Мне сейчас впору было глотнуть чего-то покрепче, но я давно уже ограничивался бокалом вина за ужином, так как спиртное усугубляло провалы в сознании.
— Нет, спасибо, мне хорошо и так. А ты-то ела?
— Я не ем, — сказала она. — Не ем. И это тоже стало неплохим подспорьем.

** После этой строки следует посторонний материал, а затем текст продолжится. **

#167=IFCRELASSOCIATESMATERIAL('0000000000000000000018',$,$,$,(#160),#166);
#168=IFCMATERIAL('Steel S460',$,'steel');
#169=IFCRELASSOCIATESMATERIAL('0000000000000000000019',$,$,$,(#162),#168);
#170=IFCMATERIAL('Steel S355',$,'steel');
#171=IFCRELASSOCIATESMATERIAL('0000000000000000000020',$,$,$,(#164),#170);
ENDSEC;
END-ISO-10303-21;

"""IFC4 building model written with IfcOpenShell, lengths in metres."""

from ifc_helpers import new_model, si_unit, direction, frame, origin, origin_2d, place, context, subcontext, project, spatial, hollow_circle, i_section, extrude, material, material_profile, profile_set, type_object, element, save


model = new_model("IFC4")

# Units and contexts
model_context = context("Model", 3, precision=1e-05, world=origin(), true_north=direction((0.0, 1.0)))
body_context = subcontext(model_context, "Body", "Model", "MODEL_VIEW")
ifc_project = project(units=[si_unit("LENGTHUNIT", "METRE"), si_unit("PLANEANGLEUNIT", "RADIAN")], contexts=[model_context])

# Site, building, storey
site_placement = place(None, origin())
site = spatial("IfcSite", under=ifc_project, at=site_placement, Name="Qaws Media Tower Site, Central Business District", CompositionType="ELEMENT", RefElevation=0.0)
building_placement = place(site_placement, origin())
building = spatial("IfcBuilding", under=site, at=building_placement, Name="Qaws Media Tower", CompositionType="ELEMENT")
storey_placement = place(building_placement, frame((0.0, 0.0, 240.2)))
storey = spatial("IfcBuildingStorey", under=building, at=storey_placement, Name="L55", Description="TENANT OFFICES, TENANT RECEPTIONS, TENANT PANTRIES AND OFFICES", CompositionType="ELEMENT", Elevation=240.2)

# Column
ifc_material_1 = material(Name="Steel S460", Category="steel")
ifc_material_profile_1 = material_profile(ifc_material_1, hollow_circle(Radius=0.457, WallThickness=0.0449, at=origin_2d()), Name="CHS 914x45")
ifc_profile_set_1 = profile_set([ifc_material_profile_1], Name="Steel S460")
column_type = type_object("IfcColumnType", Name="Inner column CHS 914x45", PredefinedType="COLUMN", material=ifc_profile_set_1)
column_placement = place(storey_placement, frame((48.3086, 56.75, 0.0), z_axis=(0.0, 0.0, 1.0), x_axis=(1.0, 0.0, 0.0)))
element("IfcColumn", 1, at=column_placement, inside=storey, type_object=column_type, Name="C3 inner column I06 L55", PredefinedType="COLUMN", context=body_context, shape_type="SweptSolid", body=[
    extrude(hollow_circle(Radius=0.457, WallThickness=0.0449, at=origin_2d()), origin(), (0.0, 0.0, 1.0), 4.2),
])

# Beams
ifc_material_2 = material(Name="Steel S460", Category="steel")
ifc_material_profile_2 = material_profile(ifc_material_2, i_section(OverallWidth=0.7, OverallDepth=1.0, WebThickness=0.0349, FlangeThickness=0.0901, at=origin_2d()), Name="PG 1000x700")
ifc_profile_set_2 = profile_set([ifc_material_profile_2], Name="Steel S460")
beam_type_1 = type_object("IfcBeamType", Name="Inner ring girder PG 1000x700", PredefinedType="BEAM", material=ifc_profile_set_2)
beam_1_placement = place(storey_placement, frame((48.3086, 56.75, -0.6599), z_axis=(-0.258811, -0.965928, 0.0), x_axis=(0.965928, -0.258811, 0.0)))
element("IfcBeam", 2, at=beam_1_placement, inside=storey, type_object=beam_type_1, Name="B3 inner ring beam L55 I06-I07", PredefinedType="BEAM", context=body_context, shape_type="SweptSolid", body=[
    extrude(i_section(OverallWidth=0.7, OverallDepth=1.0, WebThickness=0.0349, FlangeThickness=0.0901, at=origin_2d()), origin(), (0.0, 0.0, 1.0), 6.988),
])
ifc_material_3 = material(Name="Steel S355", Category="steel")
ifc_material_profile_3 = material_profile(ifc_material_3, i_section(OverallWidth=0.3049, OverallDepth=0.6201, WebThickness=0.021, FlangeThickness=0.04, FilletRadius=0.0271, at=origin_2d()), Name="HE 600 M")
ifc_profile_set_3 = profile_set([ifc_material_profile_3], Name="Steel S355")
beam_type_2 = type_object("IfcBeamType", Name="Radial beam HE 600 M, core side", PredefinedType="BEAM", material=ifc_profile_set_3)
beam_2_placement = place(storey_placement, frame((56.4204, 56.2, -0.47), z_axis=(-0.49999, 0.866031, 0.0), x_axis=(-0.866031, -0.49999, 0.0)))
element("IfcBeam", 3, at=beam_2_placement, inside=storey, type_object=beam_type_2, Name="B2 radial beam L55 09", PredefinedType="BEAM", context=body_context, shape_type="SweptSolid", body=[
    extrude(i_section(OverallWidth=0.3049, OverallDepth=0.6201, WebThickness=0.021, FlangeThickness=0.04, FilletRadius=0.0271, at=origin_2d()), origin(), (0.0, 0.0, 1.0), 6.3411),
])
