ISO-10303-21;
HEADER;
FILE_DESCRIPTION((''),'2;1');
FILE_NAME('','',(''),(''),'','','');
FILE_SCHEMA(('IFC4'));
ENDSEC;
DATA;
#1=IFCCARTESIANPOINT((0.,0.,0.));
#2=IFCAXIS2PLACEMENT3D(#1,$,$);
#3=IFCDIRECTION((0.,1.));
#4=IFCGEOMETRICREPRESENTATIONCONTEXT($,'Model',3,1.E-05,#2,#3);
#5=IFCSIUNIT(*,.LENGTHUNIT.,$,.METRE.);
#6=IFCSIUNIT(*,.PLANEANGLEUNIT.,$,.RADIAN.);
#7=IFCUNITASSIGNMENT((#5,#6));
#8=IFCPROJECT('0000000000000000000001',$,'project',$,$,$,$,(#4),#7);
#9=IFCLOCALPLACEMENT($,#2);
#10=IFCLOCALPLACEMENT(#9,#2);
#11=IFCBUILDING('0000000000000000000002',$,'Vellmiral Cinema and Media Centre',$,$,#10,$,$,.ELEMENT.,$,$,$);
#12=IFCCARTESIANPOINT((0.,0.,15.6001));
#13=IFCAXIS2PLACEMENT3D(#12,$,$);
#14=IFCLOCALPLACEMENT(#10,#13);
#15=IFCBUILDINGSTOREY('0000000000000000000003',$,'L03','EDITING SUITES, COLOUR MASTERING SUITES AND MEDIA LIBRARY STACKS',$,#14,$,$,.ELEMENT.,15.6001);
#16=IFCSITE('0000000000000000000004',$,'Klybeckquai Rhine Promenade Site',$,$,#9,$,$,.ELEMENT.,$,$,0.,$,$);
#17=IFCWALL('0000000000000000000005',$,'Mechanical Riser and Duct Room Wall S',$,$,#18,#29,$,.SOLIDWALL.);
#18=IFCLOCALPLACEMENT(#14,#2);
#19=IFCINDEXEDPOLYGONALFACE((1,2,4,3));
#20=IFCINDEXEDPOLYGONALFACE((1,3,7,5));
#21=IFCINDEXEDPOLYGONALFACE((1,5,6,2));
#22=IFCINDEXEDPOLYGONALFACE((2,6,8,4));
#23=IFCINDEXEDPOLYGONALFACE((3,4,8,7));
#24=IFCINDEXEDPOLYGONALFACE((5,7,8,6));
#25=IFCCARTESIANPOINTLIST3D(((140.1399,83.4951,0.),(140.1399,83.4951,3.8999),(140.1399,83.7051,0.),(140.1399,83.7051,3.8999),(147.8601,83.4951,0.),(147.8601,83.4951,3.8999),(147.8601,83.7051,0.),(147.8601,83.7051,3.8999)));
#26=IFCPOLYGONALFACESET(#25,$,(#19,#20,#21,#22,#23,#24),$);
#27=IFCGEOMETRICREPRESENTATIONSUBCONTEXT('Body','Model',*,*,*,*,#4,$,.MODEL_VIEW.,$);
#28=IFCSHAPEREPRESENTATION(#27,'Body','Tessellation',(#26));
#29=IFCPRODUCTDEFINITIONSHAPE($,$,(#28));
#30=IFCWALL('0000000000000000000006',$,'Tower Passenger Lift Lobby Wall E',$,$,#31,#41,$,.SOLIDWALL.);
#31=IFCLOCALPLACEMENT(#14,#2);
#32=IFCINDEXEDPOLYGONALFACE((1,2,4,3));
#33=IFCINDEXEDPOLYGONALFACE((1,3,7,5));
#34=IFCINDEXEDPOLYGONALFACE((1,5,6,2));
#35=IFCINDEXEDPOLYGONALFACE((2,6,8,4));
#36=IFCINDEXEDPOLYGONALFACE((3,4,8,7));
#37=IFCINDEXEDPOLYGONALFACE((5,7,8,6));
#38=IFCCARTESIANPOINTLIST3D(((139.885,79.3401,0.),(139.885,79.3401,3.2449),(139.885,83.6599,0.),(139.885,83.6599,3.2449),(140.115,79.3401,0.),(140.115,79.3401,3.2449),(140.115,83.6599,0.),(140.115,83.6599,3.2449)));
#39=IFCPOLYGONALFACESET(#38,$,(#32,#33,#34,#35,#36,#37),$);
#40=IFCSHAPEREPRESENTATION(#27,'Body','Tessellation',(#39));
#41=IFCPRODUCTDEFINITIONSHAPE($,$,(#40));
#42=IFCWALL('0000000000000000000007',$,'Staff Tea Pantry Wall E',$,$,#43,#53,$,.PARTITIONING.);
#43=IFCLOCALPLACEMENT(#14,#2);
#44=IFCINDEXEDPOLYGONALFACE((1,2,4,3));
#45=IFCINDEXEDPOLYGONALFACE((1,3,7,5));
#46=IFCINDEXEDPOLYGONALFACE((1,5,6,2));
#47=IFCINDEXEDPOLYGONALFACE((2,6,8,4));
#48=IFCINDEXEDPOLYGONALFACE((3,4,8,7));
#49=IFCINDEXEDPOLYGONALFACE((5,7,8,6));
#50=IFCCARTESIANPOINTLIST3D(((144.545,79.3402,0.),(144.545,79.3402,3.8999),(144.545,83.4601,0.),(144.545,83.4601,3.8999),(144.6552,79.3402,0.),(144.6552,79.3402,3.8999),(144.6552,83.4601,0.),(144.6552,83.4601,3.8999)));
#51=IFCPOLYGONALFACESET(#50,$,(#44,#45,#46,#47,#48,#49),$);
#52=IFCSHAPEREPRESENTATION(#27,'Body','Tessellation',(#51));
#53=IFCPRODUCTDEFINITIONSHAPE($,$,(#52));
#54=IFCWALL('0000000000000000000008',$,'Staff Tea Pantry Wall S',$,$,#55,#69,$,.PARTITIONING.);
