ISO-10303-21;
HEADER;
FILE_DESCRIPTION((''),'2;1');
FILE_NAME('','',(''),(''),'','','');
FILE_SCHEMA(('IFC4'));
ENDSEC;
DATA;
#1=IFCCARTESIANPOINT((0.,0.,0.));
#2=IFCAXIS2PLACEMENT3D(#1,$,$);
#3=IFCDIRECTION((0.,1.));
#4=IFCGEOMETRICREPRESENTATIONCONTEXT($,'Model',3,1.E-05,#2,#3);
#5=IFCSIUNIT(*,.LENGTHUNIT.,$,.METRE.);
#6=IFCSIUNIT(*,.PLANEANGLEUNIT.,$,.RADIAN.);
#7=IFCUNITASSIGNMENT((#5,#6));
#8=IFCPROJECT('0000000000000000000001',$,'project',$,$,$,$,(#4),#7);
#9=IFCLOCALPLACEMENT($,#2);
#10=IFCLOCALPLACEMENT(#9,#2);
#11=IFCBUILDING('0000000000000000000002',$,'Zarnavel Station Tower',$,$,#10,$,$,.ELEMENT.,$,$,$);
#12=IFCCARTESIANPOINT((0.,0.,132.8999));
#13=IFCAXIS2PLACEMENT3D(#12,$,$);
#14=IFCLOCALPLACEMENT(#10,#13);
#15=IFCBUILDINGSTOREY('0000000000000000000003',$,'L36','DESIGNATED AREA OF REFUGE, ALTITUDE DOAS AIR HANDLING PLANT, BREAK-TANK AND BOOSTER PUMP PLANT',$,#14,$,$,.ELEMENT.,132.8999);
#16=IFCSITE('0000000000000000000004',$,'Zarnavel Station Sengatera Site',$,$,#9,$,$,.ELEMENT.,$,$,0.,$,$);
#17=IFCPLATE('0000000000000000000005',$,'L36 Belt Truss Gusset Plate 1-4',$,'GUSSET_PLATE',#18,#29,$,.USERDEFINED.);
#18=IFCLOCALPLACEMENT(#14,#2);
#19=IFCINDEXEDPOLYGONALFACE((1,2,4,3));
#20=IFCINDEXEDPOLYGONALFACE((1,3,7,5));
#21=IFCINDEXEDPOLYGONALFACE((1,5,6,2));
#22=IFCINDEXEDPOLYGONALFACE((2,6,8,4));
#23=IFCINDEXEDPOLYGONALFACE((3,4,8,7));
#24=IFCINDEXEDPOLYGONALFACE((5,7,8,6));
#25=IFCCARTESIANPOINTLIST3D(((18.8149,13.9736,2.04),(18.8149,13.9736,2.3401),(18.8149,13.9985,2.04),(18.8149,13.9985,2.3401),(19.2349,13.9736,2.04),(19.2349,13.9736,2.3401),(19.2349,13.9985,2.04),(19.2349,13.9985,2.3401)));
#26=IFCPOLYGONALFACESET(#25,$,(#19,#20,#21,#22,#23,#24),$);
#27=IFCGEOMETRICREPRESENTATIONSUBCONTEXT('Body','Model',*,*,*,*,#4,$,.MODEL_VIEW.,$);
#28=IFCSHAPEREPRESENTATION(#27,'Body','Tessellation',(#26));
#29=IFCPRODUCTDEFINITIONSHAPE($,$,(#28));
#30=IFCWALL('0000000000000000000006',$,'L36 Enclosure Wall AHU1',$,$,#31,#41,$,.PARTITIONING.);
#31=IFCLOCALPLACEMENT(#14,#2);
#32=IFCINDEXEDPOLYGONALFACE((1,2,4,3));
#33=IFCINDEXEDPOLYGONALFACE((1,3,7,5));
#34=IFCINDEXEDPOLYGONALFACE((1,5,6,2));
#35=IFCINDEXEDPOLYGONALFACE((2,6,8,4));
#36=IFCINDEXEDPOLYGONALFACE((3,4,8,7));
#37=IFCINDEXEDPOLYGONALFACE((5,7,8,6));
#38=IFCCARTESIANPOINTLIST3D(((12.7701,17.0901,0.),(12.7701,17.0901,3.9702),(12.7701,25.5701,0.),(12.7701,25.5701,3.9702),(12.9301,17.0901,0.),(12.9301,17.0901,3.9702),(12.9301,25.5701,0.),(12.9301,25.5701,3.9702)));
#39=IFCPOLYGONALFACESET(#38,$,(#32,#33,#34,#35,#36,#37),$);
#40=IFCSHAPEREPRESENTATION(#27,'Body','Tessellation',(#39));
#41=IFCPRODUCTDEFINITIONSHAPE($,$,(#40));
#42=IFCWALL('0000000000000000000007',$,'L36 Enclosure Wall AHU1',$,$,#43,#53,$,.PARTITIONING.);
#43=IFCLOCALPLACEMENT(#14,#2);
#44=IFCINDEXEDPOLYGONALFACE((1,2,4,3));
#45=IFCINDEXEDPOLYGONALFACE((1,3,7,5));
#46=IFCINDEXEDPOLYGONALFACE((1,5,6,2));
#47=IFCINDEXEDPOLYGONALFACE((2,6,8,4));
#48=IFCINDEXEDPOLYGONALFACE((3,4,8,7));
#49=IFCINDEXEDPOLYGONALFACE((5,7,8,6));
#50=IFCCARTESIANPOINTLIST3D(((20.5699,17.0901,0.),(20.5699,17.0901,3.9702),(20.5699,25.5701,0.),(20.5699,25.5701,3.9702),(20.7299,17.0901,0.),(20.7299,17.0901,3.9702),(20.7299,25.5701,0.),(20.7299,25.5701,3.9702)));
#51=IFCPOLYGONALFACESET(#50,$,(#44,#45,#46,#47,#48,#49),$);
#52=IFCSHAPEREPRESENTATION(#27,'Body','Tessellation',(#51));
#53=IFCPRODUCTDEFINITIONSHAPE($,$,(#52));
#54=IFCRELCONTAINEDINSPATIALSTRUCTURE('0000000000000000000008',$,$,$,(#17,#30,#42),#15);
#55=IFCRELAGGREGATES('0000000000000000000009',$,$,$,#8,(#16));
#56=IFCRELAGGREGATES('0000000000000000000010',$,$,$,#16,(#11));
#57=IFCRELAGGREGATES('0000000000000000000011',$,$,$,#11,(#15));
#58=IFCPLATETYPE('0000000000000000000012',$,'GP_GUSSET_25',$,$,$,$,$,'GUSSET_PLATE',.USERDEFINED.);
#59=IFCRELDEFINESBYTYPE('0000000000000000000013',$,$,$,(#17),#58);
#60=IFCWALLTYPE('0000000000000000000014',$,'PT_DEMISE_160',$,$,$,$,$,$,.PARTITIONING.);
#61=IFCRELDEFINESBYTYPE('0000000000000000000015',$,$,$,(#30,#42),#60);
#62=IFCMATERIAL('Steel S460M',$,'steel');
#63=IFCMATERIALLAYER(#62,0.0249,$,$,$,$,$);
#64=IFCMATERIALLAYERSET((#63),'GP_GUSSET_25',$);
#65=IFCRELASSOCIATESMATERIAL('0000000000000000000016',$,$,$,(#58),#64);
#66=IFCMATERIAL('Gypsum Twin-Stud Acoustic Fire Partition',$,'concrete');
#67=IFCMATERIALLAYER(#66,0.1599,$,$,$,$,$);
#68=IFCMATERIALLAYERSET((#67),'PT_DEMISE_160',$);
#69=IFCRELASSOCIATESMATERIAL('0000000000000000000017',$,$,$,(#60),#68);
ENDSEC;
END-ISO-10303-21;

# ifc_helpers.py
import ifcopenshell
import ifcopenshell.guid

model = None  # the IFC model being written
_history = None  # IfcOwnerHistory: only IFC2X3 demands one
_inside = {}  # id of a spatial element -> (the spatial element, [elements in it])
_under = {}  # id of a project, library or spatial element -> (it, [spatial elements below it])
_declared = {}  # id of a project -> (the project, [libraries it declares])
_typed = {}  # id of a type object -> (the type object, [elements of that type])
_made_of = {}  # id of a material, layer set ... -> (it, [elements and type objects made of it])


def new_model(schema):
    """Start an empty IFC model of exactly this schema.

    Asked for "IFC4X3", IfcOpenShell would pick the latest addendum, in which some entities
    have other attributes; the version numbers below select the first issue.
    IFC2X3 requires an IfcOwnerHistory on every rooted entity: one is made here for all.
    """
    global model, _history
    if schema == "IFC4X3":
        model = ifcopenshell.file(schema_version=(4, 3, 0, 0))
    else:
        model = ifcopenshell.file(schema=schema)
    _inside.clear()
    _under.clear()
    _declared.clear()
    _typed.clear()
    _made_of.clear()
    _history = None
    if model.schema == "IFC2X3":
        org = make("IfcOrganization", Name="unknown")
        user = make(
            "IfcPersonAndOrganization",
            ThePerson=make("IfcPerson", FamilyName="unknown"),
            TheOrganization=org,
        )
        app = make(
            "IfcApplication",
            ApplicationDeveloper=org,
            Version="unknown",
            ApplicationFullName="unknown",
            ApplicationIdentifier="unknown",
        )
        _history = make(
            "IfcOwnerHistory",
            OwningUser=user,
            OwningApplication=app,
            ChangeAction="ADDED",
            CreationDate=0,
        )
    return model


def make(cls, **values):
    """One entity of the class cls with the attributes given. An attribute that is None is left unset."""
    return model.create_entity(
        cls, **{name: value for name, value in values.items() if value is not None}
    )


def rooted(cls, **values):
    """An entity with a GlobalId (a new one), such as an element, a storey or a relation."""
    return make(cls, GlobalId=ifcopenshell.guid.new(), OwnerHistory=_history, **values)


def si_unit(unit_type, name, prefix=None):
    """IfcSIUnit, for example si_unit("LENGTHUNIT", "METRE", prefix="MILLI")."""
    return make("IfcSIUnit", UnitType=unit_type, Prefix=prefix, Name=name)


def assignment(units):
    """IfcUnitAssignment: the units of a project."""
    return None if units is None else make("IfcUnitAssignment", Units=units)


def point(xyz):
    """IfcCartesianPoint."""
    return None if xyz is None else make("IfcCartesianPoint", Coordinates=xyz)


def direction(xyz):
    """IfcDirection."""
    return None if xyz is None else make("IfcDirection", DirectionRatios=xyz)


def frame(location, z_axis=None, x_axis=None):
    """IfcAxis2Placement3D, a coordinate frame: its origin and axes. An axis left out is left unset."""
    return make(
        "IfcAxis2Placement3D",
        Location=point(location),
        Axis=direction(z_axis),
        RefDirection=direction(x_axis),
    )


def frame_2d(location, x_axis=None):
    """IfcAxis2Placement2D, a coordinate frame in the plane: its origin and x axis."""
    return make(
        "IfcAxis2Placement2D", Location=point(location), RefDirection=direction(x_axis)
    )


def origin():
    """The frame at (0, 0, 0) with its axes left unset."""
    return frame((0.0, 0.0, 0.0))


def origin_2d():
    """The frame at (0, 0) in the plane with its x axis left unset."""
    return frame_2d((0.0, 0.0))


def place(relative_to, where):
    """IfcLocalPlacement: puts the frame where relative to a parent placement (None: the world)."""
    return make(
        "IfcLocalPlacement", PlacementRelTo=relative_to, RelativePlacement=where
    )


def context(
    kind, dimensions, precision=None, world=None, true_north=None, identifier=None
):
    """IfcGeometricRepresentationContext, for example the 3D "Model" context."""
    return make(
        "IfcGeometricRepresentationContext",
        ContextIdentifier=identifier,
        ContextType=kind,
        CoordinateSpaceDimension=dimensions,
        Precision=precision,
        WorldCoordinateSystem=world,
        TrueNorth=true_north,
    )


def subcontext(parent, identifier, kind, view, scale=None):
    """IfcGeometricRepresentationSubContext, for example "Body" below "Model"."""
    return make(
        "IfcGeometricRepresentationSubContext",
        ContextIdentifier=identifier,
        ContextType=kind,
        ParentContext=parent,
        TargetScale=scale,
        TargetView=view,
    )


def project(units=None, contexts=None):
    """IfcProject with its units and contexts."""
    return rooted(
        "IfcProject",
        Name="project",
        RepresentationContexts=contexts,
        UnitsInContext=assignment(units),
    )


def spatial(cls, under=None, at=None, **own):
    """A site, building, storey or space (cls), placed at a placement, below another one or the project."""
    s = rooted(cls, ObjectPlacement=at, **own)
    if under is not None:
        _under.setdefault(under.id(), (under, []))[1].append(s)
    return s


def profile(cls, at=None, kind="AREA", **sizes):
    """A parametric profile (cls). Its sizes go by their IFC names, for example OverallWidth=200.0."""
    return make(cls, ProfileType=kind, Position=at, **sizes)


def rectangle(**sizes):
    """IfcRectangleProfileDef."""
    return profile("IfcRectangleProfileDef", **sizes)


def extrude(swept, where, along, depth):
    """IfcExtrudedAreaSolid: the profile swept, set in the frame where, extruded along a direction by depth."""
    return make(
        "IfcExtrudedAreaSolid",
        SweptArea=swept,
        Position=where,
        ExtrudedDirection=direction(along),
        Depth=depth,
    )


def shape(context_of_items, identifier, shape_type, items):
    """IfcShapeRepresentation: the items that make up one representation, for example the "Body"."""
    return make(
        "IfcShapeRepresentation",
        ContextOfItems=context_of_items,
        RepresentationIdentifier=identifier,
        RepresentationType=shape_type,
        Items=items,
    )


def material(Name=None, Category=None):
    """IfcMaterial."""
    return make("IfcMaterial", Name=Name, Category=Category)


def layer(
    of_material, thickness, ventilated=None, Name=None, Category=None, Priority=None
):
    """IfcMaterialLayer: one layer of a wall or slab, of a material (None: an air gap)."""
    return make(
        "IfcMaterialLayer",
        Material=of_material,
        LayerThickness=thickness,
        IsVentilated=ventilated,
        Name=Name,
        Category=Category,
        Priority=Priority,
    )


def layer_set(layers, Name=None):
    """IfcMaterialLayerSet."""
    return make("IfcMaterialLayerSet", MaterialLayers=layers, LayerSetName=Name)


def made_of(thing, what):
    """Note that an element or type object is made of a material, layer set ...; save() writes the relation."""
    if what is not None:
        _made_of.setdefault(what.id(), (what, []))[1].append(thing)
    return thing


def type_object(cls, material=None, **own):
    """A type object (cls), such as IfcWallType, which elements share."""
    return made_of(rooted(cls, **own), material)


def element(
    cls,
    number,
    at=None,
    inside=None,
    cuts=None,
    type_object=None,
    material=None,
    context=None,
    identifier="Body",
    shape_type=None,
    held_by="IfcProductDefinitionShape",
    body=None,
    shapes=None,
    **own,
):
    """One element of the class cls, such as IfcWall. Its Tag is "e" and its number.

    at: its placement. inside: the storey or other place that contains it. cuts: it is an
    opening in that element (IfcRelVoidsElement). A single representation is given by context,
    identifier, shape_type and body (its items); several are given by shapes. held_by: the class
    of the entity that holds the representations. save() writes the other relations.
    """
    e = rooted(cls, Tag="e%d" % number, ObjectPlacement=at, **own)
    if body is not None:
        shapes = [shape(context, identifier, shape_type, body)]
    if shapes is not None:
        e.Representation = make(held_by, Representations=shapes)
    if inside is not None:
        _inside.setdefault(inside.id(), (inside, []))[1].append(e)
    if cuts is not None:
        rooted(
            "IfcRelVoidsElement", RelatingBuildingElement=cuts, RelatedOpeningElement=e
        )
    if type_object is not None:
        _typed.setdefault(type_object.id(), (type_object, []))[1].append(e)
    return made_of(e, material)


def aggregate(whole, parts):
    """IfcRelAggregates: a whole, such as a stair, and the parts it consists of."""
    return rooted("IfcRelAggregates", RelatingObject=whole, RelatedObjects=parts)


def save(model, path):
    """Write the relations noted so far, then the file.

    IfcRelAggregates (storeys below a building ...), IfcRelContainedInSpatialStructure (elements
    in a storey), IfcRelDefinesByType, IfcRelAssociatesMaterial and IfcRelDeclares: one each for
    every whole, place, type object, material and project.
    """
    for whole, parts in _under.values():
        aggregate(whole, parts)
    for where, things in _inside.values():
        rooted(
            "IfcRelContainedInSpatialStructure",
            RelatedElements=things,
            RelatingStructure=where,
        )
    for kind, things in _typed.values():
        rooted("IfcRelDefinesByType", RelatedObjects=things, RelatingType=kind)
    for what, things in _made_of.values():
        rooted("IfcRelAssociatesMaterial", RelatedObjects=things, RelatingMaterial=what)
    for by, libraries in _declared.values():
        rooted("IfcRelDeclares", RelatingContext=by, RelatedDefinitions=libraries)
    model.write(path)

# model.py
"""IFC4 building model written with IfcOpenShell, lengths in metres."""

from ifc_helpers import new_model, si_unit, direction, frame, frame_2d, origin, origin_2d, place, context, subcontext, project, spatial, rectangle, extrude, material, layer, layer_set, type_object, element, save


model = new_model("IFC4")

# Units and contexts
model_context = context("Model", 3, precision=1e-05, world=origin(), true_north=direction((0.0, 1.0)))
body_context = subcontext(model_context, "Body", "Model", "MODEL_VIEW")
ifc_project = project(units=[si_unit("LENGTHUNIT", "METRE"), si_unit("PLANEANGLEUNIT", "RADIAN")], contexts=[model_context])

# Site, building, storey
site_placement = place(None, origin())
site = spatial("IfcSite", under=ifc_project, at=site_placement, Name="Zarnavel Station Sengatera Site", CompositionType="ELEMENT", RefElevation=0.0)
building_placement = place(site_placement, origin())
building = spatial("IfcBuilding", under=site, at=building_placement, Name="Zarnavel Station Tower", CompositionType="ELEMENT")
storey_placement = place(building_placement, frame((0.0, 0.0, 132.8999)))
storey = spatial("IfcBuildingStorey", under=building, at=storey_placement, Name="L36", Description="DESIGNATED AREA OF REFUGE, ALTITUDE DOAS AIR HANDLING PLANT, BREAK-TANK AND BOOSTER PUMP PLANT", CompositionType="ELEMENT", Elevation=132.8999)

— Но у тебя все в порядке? — спросил я.
— Было. Несколько месяцев все было хорошо. Но теперь они объявили, что чертова штука вернулась. Это всегда так случается. Судьба идет за тобой по пятам и в какой-то момент вдруг выскакивает наперерез и кричит: «Вот тебе!» Когда опухоль появилась впервые, а я об этом еще не знала, то вытворяла такое, что вспомнить тошно. Пнула ногой собачонку моей соседки. Маленькая собачонка, здесь на площадке, все время тявкает, хватает за ноги, чистое наказание, да и вообще не должна здесь болтаться, и вот я повернулась да и треснула ее — изо всех сил. Принялась почему-то писать письма в «Нью-Йорк таймс». Устроила скандал в Публичной библиотеке. Вела себя как полоумная. Пошла в библиотеку посмотреть выставку, посвященную Каммингсу. Я любила его стихи, когда еще только-только приехала, была студенткой. «Пою об Олафе, большом и сильном…» Выходя с выставки, я увидела, что в коридоре есть и другая — куда больше, роскошно оформленная — «Вехи современной литературы». На стенках висели большие фотопортреты писателей, а под ними, в стеклянных витринах, были выставлены все первые издания их книг в подлинных, той поры, обложках. И все это был омерзительно глупый политкорректный мусор. Будь я нормальна, просто прошла бы мимо, а на обратном пути, в метро, обсудила бы это с Мэнни. Он был воплощением такта — и такта, и остроумия, и снисходительности. Его не удивляла свойственная людям глупость. Даже и после смерти он меня замечательно успокаивает.